In order to solve the above-mentioned problems, the present invention provides a foil bearing comprising a foil having a bearing surface and a disc-shaped foil holder to which the foil is attached at one axial end face, the foil supporting the rotating member in a non-contact manner in a thrust direction by a fluid film generated in a bearing gap between the bearing surface of the foil and the rotating member, wherein:
an elastic member having a lower rigidity than the foil holder is provided on an end surface on the other axial side of the foil holder;
The foil holder is attached to another member only via the elastic member.

In this way, the foil bearing of the present invention is characterized by the fact that the foil holder is attached to another component (e.g., a casing) via only an elastic member. When the load applied to the bearing surface of this foil bearing is within the load capacity, the flexibility of the foil automatically adjusts the bearing gap, and the rotating component is supported without contact by a fluid film in the bearing gap. On the other hand, when a load exceeding the load capacity is applied to the bearing surface, the elastic member temporarily bends, preventing contact between the rotating component and the foil.

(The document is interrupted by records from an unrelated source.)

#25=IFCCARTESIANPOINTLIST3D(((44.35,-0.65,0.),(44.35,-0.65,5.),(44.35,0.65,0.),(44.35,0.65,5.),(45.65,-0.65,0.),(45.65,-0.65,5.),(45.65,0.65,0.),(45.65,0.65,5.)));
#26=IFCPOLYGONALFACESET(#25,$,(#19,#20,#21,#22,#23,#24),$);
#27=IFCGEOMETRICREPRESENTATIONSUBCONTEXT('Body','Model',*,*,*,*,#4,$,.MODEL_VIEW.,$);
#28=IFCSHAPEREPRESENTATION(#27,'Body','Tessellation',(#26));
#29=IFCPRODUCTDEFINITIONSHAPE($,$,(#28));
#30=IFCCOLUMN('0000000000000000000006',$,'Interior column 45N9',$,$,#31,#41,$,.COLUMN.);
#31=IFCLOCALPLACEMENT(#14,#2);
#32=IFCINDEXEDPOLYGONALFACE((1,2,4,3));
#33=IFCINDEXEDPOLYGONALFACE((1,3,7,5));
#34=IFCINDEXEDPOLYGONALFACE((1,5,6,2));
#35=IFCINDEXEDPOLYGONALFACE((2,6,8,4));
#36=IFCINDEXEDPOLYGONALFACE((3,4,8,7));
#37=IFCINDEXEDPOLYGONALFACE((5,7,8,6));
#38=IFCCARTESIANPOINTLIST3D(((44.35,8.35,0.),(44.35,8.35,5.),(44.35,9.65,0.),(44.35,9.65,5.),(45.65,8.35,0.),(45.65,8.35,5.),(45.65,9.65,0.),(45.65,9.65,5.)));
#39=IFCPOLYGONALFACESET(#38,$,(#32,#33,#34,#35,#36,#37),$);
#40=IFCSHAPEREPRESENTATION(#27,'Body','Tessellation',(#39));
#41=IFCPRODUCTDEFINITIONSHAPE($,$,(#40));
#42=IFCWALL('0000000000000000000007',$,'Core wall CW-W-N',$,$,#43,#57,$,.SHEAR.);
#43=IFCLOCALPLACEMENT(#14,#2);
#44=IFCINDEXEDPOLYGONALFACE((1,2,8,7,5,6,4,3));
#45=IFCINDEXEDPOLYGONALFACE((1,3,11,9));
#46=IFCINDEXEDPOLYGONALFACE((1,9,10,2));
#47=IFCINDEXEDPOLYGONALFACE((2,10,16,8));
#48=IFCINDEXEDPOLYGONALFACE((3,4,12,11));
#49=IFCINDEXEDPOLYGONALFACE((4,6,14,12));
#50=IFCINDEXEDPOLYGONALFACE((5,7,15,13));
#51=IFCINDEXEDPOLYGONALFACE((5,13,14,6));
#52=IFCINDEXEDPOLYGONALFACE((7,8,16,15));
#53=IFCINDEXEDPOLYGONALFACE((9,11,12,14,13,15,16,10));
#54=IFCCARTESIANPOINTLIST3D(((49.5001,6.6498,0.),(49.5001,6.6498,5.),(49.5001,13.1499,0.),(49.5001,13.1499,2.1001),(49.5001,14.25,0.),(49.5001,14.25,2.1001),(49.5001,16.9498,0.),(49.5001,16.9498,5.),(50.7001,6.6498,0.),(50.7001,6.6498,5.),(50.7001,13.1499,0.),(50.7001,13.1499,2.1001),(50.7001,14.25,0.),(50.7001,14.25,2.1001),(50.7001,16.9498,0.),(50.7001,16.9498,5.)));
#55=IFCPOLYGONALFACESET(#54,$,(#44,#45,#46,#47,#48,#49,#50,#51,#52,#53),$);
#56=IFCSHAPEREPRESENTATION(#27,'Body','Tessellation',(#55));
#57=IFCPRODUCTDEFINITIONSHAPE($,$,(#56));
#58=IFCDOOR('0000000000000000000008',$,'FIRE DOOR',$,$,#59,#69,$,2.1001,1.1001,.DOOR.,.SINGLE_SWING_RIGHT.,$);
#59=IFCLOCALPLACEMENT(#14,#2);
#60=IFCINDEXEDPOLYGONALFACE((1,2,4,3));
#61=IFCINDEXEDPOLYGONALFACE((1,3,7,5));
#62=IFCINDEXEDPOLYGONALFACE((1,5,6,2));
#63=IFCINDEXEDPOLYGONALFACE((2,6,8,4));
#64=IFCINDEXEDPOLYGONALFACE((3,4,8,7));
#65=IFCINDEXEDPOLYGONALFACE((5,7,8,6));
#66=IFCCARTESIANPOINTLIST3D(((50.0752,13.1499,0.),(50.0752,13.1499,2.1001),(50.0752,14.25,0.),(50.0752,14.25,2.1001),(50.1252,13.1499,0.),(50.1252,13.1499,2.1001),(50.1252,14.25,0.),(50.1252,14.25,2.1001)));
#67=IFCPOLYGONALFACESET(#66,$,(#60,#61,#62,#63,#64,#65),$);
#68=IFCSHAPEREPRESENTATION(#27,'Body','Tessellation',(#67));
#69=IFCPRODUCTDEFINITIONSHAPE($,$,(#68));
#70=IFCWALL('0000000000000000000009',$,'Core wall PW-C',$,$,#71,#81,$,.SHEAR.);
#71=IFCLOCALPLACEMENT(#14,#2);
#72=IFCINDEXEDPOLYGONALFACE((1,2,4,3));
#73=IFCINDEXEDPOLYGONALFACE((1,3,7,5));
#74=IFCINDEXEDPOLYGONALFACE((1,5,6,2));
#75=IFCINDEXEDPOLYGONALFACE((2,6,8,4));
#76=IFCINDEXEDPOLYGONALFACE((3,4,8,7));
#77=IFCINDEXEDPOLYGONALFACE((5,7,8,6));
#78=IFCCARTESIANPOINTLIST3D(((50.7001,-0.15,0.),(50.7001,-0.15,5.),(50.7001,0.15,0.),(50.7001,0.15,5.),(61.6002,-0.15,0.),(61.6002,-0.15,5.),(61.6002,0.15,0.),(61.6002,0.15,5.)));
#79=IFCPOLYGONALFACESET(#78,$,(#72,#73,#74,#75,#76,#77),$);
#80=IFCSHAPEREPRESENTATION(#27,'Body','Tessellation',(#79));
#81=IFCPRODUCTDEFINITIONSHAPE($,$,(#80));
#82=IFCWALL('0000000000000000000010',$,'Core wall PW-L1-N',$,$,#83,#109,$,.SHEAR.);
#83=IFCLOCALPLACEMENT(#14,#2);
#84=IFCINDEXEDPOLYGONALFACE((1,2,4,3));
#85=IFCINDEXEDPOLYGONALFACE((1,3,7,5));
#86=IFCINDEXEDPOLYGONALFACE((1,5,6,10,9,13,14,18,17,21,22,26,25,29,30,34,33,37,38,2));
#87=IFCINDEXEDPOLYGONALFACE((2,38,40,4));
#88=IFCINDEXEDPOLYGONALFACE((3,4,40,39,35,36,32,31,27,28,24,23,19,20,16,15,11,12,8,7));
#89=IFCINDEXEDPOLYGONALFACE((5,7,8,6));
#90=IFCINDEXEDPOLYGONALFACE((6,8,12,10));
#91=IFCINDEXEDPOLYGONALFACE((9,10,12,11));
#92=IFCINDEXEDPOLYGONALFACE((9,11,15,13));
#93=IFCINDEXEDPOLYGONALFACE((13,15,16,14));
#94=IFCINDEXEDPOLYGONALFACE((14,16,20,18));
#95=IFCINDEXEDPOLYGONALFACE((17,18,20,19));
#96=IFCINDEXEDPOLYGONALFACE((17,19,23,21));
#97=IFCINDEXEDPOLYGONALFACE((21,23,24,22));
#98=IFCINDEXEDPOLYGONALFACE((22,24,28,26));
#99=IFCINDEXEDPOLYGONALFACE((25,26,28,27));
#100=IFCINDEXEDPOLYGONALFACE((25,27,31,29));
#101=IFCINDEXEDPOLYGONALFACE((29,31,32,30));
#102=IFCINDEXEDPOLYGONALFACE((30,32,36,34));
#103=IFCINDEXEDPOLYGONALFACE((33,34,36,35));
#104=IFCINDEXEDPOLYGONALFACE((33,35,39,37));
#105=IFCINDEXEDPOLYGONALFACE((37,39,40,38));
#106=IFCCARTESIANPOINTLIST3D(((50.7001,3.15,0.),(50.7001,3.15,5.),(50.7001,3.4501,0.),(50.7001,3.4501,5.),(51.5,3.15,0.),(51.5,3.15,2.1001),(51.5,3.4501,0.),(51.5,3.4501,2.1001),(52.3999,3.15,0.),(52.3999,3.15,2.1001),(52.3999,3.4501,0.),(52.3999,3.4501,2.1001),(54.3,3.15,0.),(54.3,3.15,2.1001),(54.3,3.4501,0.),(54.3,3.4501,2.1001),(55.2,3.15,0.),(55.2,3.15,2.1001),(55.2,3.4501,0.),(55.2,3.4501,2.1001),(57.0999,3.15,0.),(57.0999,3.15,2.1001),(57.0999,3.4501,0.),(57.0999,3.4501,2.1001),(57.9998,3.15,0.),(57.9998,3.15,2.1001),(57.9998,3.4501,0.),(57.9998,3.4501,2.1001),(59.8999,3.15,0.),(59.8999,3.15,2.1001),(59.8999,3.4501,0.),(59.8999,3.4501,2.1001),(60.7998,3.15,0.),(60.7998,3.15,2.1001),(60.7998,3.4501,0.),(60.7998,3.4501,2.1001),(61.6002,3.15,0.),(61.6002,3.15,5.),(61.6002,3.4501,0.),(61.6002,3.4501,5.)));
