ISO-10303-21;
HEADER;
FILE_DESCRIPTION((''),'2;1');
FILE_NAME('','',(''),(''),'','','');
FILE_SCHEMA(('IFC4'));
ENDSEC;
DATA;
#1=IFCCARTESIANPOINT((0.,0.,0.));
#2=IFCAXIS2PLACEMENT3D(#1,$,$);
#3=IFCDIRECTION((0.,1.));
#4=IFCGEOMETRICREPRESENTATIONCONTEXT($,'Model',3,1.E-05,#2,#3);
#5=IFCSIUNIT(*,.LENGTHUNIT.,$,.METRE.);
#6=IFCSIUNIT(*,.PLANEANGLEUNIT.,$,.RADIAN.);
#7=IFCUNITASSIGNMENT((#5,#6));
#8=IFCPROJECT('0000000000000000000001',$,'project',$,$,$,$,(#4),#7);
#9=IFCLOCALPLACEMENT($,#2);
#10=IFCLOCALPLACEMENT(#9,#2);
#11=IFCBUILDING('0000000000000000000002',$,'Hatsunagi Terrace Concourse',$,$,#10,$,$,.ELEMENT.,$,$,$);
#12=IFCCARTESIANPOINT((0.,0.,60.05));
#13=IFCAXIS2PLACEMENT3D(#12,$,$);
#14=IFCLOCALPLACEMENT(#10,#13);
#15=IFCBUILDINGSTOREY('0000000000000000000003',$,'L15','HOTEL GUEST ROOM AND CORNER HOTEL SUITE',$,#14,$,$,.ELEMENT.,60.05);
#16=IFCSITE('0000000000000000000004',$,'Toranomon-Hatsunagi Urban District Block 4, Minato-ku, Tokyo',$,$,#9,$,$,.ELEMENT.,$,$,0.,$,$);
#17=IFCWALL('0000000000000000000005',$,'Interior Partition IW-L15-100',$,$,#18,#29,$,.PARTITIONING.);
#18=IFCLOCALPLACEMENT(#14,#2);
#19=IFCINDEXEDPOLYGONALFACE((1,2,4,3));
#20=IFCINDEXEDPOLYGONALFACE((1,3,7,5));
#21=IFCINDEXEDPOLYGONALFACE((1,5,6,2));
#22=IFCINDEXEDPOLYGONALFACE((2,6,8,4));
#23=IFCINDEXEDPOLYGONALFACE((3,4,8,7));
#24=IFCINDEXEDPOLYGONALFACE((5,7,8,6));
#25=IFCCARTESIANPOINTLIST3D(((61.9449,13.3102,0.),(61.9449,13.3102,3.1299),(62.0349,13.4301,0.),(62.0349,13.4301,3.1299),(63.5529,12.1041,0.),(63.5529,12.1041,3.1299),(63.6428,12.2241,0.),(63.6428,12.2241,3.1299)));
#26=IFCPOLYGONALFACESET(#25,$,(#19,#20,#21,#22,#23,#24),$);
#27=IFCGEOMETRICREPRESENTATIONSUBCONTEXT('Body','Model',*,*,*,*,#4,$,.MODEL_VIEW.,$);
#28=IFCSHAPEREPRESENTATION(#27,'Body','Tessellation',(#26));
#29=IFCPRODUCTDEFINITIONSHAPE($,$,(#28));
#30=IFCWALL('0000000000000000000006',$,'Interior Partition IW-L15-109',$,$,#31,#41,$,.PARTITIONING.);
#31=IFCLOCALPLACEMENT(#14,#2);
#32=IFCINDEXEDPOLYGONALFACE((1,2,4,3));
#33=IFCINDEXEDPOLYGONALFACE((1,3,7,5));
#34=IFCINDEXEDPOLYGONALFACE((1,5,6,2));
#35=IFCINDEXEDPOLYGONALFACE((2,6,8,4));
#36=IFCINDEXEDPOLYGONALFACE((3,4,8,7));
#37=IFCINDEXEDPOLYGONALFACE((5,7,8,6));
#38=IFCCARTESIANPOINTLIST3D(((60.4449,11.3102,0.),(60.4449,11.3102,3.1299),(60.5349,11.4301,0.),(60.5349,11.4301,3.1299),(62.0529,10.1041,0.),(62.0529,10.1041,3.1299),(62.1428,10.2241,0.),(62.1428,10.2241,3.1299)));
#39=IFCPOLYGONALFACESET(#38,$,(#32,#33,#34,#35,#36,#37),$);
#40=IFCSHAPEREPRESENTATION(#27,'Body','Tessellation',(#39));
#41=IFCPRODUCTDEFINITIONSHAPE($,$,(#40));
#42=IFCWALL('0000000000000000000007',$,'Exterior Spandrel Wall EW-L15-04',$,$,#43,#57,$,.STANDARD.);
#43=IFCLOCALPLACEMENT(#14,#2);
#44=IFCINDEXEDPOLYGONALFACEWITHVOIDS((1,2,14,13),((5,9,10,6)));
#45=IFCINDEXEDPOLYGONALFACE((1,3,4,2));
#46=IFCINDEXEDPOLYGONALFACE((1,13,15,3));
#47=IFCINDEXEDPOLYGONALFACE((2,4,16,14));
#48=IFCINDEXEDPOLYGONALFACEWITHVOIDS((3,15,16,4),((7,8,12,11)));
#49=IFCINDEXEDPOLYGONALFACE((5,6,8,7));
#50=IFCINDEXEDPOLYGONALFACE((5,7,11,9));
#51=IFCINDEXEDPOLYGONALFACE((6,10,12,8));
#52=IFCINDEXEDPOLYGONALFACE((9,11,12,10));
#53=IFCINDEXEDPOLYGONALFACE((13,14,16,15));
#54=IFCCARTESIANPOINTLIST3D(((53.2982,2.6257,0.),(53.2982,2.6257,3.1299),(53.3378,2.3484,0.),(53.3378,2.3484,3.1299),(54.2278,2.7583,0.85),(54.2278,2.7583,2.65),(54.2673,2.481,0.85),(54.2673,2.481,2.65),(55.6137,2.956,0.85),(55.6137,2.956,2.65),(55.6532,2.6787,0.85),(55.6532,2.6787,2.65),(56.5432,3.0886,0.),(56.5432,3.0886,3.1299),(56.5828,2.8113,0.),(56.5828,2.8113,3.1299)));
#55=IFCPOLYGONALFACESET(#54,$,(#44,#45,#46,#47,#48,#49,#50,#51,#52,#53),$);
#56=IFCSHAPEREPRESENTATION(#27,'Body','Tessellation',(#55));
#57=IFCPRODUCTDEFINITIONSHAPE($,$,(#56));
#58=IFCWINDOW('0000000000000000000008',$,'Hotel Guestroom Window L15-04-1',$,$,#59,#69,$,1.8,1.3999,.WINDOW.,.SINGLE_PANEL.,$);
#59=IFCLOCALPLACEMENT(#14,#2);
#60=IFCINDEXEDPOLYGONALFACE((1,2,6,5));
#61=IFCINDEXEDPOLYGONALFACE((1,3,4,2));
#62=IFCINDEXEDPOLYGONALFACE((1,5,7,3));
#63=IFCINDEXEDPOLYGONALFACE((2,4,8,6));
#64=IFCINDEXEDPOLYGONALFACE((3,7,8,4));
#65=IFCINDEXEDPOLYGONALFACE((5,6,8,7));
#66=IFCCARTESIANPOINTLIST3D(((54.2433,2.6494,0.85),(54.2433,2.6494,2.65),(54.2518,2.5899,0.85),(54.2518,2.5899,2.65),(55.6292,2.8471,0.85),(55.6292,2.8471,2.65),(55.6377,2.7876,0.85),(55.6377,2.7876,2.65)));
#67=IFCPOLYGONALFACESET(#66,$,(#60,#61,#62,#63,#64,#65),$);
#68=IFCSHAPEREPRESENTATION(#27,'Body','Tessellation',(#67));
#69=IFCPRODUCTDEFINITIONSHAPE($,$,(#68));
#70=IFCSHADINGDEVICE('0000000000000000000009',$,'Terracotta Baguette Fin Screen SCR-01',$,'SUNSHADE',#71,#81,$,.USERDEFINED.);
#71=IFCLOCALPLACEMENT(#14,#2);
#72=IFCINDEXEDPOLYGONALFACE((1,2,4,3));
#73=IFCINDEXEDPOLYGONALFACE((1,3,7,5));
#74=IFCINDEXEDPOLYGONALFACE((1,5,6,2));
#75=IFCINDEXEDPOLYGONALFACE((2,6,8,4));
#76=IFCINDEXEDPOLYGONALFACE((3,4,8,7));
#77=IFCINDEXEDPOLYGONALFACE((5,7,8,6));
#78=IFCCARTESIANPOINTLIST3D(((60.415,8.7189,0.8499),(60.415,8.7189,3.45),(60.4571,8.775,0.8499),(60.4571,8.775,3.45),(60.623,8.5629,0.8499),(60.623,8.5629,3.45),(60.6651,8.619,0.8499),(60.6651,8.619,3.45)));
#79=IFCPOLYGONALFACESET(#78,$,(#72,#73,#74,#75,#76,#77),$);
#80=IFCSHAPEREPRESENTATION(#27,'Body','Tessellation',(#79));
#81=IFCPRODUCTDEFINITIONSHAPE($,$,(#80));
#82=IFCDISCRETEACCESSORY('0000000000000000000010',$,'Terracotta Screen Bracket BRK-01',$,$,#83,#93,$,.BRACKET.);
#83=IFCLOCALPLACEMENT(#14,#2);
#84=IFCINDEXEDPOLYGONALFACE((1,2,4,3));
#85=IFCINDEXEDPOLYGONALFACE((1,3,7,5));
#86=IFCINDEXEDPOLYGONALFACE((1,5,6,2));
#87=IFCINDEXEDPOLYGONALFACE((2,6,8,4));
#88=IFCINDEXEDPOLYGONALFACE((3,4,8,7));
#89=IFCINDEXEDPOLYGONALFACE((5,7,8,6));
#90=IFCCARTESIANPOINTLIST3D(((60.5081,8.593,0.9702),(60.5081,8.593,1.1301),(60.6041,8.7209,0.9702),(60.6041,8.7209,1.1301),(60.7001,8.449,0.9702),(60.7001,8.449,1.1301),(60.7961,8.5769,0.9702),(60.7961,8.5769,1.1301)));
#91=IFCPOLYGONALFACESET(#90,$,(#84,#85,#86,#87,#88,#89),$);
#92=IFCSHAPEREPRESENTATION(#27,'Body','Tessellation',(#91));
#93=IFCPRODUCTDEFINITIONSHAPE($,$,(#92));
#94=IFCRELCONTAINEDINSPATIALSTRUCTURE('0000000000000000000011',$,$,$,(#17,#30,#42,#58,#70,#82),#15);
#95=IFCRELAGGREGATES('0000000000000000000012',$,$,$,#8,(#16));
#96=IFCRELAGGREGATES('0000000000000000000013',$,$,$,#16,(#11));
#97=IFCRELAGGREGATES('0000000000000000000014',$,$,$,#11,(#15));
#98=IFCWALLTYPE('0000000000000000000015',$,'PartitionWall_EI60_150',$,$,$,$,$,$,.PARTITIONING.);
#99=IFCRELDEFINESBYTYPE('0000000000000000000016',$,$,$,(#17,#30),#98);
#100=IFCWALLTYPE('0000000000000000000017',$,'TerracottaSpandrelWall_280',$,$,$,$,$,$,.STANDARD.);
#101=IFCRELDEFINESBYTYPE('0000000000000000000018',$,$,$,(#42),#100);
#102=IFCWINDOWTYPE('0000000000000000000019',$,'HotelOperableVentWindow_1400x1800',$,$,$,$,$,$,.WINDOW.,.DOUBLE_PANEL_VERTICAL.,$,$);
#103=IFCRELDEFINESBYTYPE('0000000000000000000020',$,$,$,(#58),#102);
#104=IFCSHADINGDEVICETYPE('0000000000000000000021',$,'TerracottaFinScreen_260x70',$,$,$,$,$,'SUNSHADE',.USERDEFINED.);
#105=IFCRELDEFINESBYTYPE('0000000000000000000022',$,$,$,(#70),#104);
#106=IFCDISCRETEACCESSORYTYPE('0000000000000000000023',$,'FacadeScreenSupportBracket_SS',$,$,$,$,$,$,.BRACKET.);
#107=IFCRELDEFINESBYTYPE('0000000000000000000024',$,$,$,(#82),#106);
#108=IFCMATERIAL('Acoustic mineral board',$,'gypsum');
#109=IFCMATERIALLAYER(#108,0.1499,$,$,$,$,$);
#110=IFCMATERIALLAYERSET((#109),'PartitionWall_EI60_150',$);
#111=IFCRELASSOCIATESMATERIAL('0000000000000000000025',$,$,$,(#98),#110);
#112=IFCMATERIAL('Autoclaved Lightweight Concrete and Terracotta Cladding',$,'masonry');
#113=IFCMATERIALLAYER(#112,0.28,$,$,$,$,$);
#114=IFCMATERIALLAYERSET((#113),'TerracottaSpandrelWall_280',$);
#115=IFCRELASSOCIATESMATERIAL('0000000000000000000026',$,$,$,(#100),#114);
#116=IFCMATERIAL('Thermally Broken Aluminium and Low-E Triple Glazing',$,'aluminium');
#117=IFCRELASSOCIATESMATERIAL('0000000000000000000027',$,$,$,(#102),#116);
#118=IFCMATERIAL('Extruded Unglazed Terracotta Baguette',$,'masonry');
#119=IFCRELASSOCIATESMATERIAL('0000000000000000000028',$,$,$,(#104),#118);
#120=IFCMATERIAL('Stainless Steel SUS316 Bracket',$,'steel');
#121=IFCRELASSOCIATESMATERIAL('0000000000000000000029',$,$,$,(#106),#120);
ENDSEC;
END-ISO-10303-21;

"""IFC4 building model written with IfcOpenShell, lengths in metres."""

from ifc_helpers import new_model, si_unit, direction, frame, frame_2d, origin, origin_2d, place, context, subcontext, project, spatial, rectangle, extrude, material, layer, layer_set, type_object, element, fill, save


model = new_model("IFC4")

# Units and contexts
model_context = context("Model", 3, precision=1e-05, world=origin(), true_north=direction((0.0, 1.0)))
body_context = subcontext(model_context, "Body", "Model", "MODEL_VIEW")
ifc_project = project(units=[si_unit("LENGTHUNIT", "METRE"), si_unit("PLANEANGLEUNIT", "RADIAN")], contexts=[model_context])

# Site, building, storey
site_placement = place(None, origin())
site = spatial("IfcSite", under=ifc_project, at=site_placement, Name="Toranomon-Hatsunagi Urban District Block 4, Minato-ku, Tokyo", CompositionType="ELEMENT", RefElevation=0.0)
building_placement = place(site_placement, origin())
building = spatial("IfcBuilding", under=site, at=building_placement, Name="Hatsunagi Terrace Concourse", CompositionType="ELEMENT")
storey_placement = place(building_placement, frame((0.0, 0.0, 60.05)))
storey = spatial("IfcBuildingStorey", under=building, at=storey_placement, Name="L15", Description="HOTEL GUEST ROOM AND CORNER HOTEL SUITE", CompositionType="ELEMENT", Elevation=60.05)

# Walls
ifc_material_1 = material(Name="Acoustic mineral board", Category="gypsum")
ifc_layer_1 = layer(ifc_material_1, 0.1499)
ifc_layer_set_1 = layer_set([ifc_layer_1], Name="PartitionWall_EI60_150")
wall_type_1 = type_object("IfcWallType", Name="PartitionWall_EI60_150", PredefinedType="PARTITIONING", material=ifc_layer_set_1)
for number, where, z_axis, x_axis, name in (
    (1, (61.99, 13.3701, 0.0), (0.0, 0.0, 1.0), (0.799971, -0.600039, 0.0), "Interior Partition IW-L15-100"),
    (2, (60.49, 11.3701, 0.0), (0.0, 0.0, 1.0), (0.799971, -0.600039, 0.0), "Interior Partition IW-L15-109"),
):
    element("IfcWall", number, at=place(storey_placement, frame(where, z_axis=z_axis, x_axis=x_axis)), inside=storey, type_object=wall_type_1, Name=name, PredefinedType="PARTITIONING", context=body_context, shape_type="SweptSolid", body=[
        extrude(rectangle(XDim=2.01, YDim=0.1499, at=frame_2d((1.0049, 0.0))), origin(), (0.0, 0.0, 1.0), 3.1299),
    ])

# Wall, opening, window
ifc_material_2 = material(Name="Autoclaved Lightweight Concrete and Terracotta Cladding", Category="masonry")
ifc_layer_2 = layer(ifc_material_2, 0.28)
ifc_layer_set_2 = layer_set([ifc_layer_2], Name="TerracottaSpandrelWall_280")
wall_type_2 = type_object("IfcWallType", Name="TerracottaSpandrelWall_280", PredefinedType="STANDARD", material=ifc_layer_set_2)
wall_1_placement = place(storey_placement, frame((56.563, 2.95, 0.0), z_axis=(0.0, 0.0, 1.0), x_axis=(-0.989978, -0.141223, 0.0)))
wall_1 = element("IfcWall", 3, at=wall_1_placement, inside=storey, type_object=wall_type_2, Name="Exterior Spandrel Wall EW-L15-04", PredefinedType="STANDARD", context=body_context, shape_type="SweptSolid", body=[
    extrude(rectangle(XDim=3.2778, YDim=0.28, at=frame_2d((1.6389, 0.0))), origin(), (0.0, 0.0, 1.0), 3.1299),
])
opening_1_placement = place(wall_1_placement, frame((0.939, 0.0, 0.8501)))
opening_1 = element("IfcOpeningElement", 4, at=opening_1_placement, cuts=wall_1, PredefinedType="OPENING", context=body_context, shape_type="SweptSolid", body=[
    extrude(rectangle(XDim=1.3999, YDim=1.8, at=frame_2d((0.7, 0.8999))), frame((0.0, 0.1499, 0.0), z_axis=(0.0, -1.0, 0.0), x_axis=(1.0, 0.0, 0.0)), (0.0, 0.0, 1.0), 0.3),
])
ifc_material_3 = material(Name="Thermally Broken Aluminium and Low-E Triple Glazing", Category="aluminium")
window_type = type_object("IfcWindowType", Name="HotelOperableVentWindow_1400x1800", PartitioningType="DOUBLE_PANEL_VERTICAL", PredefinedType="WINDOW", material=ifc_material_3)
window_placement = place(opening_1_placement, origin())
window = element("IfcWindow", 5, at=window_placement, inside=storey, type_object=window_type, Name="Hotel Guestroom Window L15-04-1", OverallHeight=1.8, OverallWidth=1.3999, PartitioningType="SINGLE_PANEL", PredefinedType="WINDOW", context=body_context, shape_type="SweptSolid", body=[
    extrude(rectangle(XDim=1.3999, YDim=1.8, at=frame_2d((0.7, 0.8999))), frame((0.0, 0.03, 0.0), z_axis=(0.0, -1.0, 0.0), x_axis=(1.0, 0.0, 0.0)), (0.0, 0.0, 1.0), 0.0601),
])
fill(opening_1, window)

For example, if an elastic member is provided over the entire area between the foil holder and another component, it is extremely difficult to make the elasticity of the elastic member uniform throughout the entire area, resulting in variations in the elasticity of the elastic member depending on the location and unstable bearing performance. Therefore, it is preferable to provide the elastic member in a partial area of the mounting surface of the foil holder to the other component. That is, in the case of a radial foil bearing, it is preferable to provide the elastic member in a partial circumferential area or a partial axial area of the outer peripheral surface of the foil holder. Furthermore, in the case of a thrust foil bearing, it is preferable to provide the elastic member in a partial circumferential area or a partial radial area of the end face on the other axial side of the foil holder. This makes it easier to adjust the elasticity of the elastic member for each location, thereby stabilizing bearing performance. For example, it is preferable to provide the elastic member in an area that overlaps the area where the bearing gap is smallest, in a direction perpendicular to the bearing surface.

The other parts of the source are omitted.